Yeah when I worked there old school we called them bigfoots but the best were the tracked versions or bombardiers the newer skytrim made by kershaw will osolate better than a giraffe but all those specialized equipment are awesome and yes clearance they do stob and tear trees up but they flat scoot and keep power costs down.


----------



## Sprig (Jul 15, 2007)

Cool stuff, never have seen one of these Jarraff thingies before, don't have 'em around here, but I can see lots of saved time in the hands of a skilled operator but can imagine its pretty brutal on the trees as Clearence stated, I thought this model was interesting > 
http://www.jarraff.com/mod_amphibious.html



Serge


----------



## John Paul Sanborn (Jul 15, 2007)

This is really messy, helo triming on YouTube

http://onemansblog.com/2007/04/19/w...ob-power-line-tree-trimming-helicopter-pilot/

The vid clip is ~8 min long and the first 2-3 are very boring, Fast forward through it and you'll be ok.

I'd not mind being ground spotter, but I do not think I would want to be in the bird.


----------



## beowulf343 (Jul 15, 2007)

Wow, and they say spikes are bad for the trees! 


You know, i like blowing a hole down a right-away as much as the next guy, but that has got to make a horrible mess of the trees.


----------



## John Paul Sanborn (Jul 15, 2007)

Yeah, so do the flail mowers used for highway work.
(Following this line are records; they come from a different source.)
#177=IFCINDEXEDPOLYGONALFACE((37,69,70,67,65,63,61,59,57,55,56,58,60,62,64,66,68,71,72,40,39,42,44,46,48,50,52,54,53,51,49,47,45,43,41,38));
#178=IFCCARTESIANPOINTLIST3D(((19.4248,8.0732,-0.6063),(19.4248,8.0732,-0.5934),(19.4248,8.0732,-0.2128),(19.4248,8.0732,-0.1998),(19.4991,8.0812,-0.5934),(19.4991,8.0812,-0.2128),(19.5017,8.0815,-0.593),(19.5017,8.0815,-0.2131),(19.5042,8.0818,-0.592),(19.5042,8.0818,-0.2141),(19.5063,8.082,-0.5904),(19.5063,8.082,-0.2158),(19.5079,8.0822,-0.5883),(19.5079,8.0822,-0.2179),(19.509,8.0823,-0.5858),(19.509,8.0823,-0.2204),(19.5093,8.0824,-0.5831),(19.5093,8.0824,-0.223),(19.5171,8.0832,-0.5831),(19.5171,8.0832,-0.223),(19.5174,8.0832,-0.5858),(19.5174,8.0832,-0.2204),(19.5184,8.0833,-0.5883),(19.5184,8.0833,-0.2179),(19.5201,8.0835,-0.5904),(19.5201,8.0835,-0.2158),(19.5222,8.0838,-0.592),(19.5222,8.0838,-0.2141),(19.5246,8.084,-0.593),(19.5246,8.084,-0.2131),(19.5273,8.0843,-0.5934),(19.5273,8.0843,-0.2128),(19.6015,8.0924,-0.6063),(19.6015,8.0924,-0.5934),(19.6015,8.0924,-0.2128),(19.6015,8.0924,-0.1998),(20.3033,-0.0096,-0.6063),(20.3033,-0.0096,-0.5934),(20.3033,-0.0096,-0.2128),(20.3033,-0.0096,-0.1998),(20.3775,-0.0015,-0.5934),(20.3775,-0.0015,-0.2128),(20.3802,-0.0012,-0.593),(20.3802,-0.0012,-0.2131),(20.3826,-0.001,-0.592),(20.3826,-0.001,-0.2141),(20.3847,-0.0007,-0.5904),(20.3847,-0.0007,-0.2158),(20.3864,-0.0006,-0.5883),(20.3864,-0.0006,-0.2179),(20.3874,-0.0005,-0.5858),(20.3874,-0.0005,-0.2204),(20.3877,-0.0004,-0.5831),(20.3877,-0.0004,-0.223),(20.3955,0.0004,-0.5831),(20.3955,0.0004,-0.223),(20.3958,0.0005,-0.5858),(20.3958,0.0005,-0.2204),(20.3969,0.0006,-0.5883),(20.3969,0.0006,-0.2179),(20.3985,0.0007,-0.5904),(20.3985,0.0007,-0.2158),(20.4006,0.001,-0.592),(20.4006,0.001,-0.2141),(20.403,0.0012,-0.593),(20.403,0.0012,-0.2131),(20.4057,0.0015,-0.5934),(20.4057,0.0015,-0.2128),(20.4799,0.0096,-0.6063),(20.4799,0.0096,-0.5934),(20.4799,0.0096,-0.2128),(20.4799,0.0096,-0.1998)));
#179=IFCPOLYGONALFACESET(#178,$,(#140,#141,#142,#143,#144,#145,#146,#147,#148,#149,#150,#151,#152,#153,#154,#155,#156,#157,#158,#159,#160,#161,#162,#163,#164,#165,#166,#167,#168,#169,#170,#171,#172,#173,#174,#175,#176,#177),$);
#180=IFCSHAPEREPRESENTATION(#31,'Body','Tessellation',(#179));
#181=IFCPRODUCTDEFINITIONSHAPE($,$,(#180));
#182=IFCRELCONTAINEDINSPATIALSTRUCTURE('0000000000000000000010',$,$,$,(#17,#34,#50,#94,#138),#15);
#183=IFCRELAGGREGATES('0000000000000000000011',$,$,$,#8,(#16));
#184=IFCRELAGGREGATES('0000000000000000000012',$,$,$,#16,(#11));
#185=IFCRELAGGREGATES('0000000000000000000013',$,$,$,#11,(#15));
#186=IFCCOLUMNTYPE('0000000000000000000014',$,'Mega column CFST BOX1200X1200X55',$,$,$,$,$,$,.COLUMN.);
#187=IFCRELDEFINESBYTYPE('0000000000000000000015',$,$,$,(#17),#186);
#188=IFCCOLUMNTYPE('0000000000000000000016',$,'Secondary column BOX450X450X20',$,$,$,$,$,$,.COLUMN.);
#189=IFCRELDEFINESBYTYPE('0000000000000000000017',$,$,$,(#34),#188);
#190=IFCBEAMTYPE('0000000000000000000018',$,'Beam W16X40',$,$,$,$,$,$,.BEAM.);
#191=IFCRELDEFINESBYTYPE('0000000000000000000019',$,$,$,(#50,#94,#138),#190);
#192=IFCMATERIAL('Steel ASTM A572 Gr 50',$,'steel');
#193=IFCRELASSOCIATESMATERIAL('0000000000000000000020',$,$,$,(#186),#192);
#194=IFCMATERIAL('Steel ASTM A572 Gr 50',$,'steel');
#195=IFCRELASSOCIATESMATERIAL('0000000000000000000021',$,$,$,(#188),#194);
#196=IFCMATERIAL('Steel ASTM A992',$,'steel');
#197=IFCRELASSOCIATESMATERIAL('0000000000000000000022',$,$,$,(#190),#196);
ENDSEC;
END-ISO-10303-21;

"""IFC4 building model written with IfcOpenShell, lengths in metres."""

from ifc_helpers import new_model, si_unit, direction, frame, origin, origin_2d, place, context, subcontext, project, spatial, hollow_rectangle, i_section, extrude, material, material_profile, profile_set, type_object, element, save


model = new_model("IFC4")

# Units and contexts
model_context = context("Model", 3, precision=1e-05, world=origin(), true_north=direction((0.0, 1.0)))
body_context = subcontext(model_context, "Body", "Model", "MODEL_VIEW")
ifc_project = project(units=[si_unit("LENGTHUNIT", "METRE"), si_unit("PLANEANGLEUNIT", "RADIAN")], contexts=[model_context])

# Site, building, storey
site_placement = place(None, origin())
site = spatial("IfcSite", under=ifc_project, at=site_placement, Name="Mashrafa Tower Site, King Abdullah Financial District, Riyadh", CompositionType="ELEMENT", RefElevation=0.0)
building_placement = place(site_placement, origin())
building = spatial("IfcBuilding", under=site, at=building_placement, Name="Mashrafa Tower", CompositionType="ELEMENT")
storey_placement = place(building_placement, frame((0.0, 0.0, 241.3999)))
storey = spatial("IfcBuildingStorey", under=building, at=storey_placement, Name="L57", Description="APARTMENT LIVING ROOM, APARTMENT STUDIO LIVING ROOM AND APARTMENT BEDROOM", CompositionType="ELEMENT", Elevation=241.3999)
I like seeing the shredded stubs 8 feet in the air.

In this cases it's the forest for the trees so to speak. This is utility forestry, or veg. control, not arboriculture. Highest production for the lowest overall cost to keep rates down and bonuses up.


----------



## clearance (Jul 15, 2007)

John Paul Sanborn said:


> Yeah, so do the flail mowers used for highway work. I like seeing the shredded stubs 8 feet in the air.
> 
> In this cases it's the forest for the trees so to speak. This is utility forestry, or veg. control, not arboriculture. Highest production for the lowest overall cost to keep rates down and bonuses up.



Bonuses, what stinking bonuses, oh you mean for the office guys, sorry.


----------



## ropensaddle (Jul 16, 2007)

clearance said:


> Bonuses, what stinking bonuses, oh you mean for the office guys, sorry.
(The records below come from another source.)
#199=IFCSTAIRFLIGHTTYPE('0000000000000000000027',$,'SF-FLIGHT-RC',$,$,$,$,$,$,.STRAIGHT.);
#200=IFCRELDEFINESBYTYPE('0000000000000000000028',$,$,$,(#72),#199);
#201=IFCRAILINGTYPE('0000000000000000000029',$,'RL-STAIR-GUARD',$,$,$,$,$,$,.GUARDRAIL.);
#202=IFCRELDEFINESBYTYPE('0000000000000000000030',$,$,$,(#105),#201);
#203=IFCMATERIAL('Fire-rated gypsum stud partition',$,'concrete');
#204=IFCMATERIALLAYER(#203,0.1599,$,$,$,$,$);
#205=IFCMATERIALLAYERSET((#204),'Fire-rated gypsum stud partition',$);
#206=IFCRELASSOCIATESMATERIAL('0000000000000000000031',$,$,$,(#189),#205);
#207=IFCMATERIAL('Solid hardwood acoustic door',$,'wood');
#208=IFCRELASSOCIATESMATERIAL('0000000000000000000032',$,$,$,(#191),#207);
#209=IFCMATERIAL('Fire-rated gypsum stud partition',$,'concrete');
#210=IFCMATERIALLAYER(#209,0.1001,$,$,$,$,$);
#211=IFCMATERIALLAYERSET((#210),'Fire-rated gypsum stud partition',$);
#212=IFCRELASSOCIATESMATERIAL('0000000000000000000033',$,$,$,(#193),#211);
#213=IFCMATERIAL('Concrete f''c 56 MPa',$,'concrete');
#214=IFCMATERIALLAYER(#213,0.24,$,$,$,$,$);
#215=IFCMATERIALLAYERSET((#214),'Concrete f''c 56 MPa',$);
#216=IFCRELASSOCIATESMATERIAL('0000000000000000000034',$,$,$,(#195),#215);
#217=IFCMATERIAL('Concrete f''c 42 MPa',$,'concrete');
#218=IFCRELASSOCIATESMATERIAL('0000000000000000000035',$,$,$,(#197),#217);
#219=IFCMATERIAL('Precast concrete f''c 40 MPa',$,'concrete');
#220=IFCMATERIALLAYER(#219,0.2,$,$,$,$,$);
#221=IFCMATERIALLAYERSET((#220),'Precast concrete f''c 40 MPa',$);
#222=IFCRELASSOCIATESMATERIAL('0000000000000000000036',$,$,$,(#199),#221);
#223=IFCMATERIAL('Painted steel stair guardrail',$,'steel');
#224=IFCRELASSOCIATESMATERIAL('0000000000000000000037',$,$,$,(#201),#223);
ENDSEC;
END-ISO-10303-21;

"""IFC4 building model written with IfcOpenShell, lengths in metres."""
You mean they have not gave you bonus either you are slow or your boss is stingy!Removals 20 per tree 6 inch breast high 100.00 per span after three and that was fifteen years ago I could trim three spans by noon and that was climbing but some could not trim that in a week!


----------



## Industry (Jul 16, 2007)

clearance said:


> Bonuses, what stinking bonuses, oh you mean for the office guys, sorry.
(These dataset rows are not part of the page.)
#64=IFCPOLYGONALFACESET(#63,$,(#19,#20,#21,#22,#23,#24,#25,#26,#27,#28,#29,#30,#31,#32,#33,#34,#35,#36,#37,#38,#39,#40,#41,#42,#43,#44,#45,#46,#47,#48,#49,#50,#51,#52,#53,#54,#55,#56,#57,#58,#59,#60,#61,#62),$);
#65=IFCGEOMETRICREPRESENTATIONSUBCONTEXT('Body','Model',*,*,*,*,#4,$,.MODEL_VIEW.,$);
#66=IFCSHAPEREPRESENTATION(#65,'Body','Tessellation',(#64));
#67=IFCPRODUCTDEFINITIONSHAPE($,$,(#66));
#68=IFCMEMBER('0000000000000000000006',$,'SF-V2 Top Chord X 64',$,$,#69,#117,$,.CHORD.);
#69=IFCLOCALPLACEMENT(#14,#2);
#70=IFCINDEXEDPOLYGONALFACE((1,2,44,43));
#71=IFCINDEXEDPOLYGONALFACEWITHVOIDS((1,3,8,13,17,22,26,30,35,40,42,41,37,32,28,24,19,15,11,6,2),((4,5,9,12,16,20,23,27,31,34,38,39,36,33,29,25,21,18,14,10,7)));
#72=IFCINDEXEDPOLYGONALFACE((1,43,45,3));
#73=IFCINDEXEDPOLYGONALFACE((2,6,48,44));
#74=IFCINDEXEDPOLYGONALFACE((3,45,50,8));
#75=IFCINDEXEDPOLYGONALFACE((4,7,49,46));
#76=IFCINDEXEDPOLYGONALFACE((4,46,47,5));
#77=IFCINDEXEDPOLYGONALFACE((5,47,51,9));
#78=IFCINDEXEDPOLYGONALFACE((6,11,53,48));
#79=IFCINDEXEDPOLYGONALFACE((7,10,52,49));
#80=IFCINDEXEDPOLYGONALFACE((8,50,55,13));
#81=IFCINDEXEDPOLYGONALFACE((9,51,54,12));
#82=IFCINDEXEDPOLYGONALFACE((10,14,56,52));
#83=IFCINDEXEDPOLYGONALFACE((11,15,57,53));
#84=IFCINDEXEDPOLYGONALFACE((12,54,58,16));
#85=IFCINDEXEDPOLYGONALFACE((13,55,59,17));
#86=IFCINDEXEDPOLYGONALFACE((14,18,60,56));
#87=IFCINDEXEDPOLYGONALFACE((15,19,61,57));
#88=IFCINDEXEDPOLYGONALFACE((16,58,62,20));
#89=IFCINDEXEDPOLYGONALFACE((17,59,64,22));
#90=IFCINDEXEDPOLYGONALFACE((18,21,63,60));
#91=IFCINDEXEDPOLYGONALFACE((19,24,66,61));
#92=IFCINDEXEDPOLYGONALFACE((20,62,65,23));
AHAHAHAHAHAHAHA!!!!! I ran a skidder with a 45ft aerial lift for 16mo. It was fun, But only cause the one I had had an operational winch. Stuck, no such thing. Oh, and you thought yours was tippy with 4 outriggers I only had 2!


----------



## Rftreeman (Jul 16, 2007)

I ran a skidder boom for years for Davey, mine only had 2 out riggers also with 62 wh boom, it was pretty tipsy, I almost turned it over on day, had one outrigger off the ground about 3 feet, as for the winch, it pulled me up hills as well as out of holes.

also ran what's called a "Big Foot" it's a flat bed 4wd rear mount bucket truck with really large tires on it, the tires look like monster truck tires.


----------